For our problem, calculating the total number of outcomes is easy, although it admittedly requires some computational might. Because each number has 25 possibilities, we have to multiply 25 by itself ten times (25 to the power of 10). Doing this (in a calculator) gives us a whopping **95 trillion** (95,367,431,640,625 to be exact) possible ways to select 10 numbers, each from 1 to 25 inclusive, with repeats. And that’s just our denominator–half the problem. Keep in mind this number counts separately different orders of the same ten numbers. For example, {1, 2, 3, 4, 5, 6, 7, 8, 9, 10} is a different outcome from {10, 9, 8, 7, 6, 5, 4, 3, 2, 1}. This is because our calculation, by default, takes into consideration different orders. In this sense, we are working with permutations, not combinations.

Calculating the anticipated, or wanted outcomes, is a bit trickier. How do we possibly count all the ways in which we could have at least two numbers repeat? Do we list out each case? But there’d be too many. Even finding the total number of outcomes with only two numbers repeating is no walk in the park.

**THE INSIGHT**

The key to answering this question lies in an observation of our problem. The problem asks “What is the probability that *at least two* of the ten students draw the same chip?” In our set of ten, **at least two numbers repeating is the exact complement of no numbers repeating**. The sum of the probabilities of these two events would be equal to 1! If you can calculate one of these probabilities, you can find the other. And calculating the probability that no numbers are repeating is *much easier*. To do that, we need a simple permutation. We want to **count the number of orderings of 10 numbers out of 25 possible numbers**. Using the formula, we get another staggering **11 trillion permutations** (that is, 25! / (25-10)! = 11,861,676,288,000).

**THE ANSWER**

This means that the probability that no numbers are repeating is 11,861,676,288,000 / 95,367,431,640,625 ≈ **0.1243**. Our last step, we take the complement: 1 – 0.1243 = 0.8757. Thus, our answer, when rounded to the nearest hundredth, is **0.88**. Looking back, our experimental probability of 0.9 was right on the mark!

**THE BIRTHDAY PROBLEM**

Even after studying probability for years, the numbers and solutions can still be quite surprising. I’d like to provide some context to the problem we tackled today. In probability theory, there is a famous and counter-intuitive problem (these often go hand-in-hand with probability problems) known as the Birthday Problem. In fact, it feels so counter-intuitive that some call this problem the Birthday Paradox (though it is not a true paradox). The problem itself is a simple one:

In a set ofnpeople, selected randomly, what is the probability that at least two of them have the same birthday?

Sound familiar?

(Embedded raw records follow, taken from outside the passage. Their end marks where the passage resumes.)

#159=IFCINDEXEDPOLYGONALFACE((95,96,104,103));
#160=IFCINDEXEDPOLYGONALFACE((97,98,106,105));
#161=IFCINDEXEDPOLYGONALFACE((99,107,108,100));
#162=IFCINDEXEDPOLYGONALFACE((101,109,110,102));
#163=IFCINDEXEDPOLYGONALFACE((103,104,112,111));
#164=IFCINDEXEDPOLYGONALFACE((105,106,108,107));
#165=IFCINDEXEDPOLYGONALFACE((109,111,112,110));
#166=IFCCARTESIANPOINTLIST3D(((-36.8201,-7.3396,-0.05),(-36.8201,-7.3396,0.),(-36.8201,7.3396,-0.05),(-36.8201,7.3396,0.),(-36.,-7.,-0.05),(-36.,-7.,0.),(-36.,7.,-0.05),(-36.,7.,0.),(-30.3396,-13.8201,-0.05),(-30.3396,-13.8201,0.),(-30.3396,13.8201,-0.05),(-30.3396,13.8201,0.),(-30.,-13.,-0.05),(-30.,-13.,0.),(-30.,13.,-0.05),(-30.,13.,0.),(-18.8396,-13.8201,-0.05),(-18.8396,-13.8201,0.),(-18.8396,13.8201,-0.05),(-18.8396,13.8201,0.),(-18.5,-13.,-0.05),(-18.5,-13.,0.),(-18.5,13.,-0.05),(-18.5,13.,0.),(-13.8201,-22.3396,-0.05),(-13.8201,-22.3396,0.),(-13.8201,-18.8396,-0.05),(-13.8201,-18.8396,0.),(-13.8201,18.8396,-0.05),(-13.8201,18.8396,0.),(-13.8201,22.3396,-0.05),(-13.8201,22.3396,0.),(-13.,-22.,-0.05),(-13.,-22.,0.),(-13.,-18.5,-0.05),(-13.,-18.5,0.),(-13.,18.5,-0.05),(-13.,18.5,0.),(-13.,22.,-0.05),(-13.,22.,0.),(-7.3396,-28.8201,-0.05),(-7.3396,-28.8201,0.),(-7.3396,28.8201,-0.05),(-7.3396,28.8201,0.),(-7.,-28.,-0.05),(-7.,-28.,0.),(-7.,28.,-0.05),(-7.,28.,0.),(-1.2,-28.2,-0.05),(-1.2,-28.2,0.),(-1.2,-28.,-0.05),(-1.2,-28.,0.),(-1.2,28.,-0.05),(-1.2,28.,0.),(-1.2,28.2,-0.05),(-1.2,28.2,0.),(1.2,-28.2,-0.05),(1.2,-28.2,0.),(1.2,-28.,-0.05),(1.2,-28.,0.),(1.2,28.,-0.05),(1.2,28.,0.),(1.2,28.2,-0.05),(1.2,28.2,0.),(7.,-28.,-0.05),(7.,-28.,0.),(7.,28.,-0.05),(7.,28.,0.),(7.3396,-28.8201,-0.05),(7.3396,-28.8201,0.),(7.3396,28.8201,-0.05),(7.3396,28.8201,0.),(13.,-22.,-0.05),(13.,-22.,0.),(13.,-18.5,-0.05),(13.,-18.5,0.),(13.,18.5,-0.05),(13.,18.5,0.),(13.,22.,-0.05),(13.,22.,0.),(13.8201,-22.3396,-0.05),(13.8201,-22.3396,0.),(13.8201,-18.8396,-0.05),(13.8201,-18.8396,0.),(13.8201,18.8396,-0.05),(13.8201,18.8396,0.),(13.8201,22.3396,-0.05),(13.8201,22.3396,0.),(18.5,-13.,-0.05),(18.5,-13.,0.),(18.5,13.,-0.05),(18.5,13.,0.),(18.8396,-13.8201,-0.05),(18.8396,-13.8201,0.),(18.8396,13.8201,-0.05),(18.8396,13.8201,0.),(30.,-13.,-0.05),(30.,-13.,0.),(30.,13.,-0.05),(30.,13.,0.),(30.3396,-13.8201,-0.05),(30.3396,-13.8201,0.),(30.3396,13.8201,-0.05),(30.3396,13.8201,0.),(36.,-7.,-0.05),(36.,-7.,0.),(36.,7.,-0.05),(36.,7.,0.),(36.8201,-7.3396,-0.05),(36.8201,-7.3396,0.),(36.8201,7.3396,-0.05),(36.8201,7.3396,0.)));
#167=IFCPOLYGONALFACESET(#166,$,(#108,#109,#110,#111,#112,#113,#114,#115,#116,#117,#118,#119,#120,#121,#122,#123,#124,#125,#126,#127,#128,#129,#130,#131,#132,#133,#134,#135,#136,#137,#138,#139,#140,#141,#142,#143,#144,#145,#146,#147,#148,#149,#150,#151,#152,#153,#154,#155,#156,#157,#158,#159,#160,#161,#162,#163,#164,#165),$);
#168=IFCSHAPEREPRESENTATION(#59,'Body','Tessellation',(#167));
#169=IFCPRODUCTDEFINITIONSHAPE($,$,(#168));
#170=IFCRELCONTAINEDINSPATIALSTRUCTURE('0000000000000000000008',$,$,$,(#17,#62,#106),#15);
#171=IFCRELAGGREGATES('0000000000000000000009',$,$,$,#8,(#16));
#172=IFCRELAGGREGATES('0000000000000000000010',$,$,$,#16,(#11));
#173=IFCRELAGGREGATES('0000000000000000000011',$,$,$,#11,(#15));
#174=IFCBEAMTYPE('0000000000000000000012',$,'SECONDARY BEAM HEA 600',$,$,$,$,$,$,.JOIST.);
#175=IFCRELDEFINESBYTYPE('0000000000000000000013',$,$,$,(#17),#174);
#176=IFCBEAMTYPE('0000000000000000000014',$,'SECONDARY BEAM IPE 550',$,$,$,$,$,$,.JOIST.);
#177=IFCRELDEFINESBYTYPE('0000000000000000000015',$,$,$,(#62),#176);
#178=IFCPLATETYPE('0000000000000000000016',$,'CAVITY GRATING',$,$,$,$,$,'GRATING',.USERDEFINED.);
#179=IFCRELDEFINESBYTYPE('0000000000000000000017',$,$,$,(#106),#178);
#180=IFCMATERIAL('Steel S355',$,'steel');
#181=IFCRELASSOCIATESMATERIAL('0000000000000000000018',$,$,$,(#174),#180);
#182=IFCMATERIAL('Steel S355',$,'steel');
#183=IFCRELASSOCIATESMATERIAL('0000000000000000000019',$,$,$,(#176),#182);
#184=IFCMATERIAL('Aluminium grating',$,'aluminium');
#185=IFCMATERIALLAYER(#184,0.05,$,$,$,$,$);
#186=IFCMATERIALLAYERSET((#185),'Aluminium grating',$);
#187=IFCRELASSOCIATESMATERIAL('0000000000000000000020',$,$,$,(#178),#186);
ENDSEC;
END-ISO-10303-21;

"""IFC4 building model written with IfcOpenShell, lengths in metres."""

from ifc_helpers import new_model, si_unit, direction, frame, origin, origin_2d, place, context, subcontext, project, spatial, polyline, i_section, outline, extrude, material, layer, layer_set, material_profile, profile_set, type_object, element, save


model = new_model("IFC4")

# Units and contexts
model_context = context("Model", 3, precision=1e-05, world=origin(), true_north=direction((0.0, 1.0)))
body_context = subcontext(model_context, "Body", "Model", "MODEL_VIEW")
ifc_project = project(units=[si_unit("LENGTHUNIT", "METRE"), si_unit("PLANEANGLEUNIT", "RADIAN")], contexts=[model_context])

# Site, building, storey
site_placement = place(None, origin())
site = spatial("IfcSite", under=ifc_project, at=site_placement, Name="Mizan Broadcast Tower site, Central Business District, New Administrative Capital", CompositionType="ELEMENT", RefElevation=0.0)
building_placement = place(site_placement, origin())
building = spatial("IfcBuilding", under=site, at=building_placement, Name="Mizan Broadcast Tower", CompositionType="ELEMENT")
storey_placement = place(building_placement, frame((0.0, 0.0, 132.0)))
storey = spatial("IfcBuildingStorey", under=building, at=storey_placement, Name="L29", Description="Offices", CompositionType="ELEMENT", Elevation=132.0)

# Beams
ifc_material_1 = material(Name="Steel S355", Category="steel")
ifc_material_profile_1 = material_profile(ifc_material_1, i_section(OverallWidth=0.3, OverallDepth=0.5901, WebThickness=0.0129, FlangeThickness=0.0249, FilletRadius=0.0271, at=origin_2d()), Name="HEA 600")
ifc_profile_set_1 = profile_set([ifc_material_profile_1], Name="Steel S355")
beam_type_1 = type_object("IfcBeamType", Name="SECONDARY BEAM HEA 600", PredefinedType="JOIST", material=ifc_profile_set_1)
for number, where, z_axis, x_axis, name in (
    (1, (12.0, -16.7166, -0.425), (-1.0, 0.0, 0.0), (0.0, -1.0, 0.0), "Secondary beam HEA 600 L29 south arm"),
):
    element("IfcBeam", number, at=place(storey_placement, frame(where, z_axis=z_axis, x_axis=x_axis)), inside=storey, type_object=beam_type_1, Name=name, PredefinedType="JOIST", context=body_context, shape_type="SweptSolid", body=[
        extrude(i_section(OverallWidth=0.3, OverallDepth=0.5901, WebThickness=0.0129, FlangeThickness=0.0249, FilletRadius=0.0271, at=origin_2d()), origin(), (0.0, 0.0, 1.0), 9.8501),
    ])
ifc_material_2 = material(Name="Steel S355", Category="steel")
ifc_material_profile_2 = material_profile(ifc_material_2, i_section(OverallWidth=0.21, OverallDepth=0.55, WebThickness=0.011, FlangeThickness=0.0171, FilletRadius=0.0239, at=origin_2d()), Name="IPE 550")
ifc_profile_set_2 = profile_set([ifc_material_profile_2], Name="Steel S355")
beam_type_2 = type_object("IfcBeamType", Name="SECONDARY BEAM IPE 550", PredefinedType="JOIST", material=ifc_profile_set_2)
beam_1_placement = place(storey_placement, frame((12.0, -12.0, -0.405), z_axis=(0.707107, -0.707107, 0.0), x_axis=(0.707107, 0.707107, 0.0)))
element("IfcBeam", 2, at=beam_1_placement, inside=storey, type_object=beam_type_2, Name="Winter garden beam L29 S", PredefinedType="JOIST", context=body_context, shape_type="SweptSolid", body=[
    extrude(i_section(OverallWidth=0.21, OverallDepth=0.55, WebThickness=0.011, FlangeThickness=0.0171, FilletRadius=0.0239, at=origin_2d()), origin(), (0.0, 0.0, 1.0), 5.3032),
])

This problem is conceptually identical to our original problem. What makes this problem counter-intuitive are some of the resulting solutions.

When *n* is 23, the chance of some pair having the same birthday is a just over 50%. Only 23 people! With 70 people, the chance of two sharing a birthday increases to 99.9%! (Keep in mind, this is the chance that any two could have the same birthday. If you wanted to calculate the probability that *you* share a birthday with someone else in the room, you would use a different calculation.) Even so, these probabilities are shocking and unexpected. If you picked 70 days out of the year, that is less than 20% of the total number of days. Yet, picking randomly, you have only a 0.01% chance of picking 70 unique days. These matter-of-fact statements show the power of mathematics, and expose how our brains play tricks on us through making assumptions and expectations about things that we really have little true understanding of.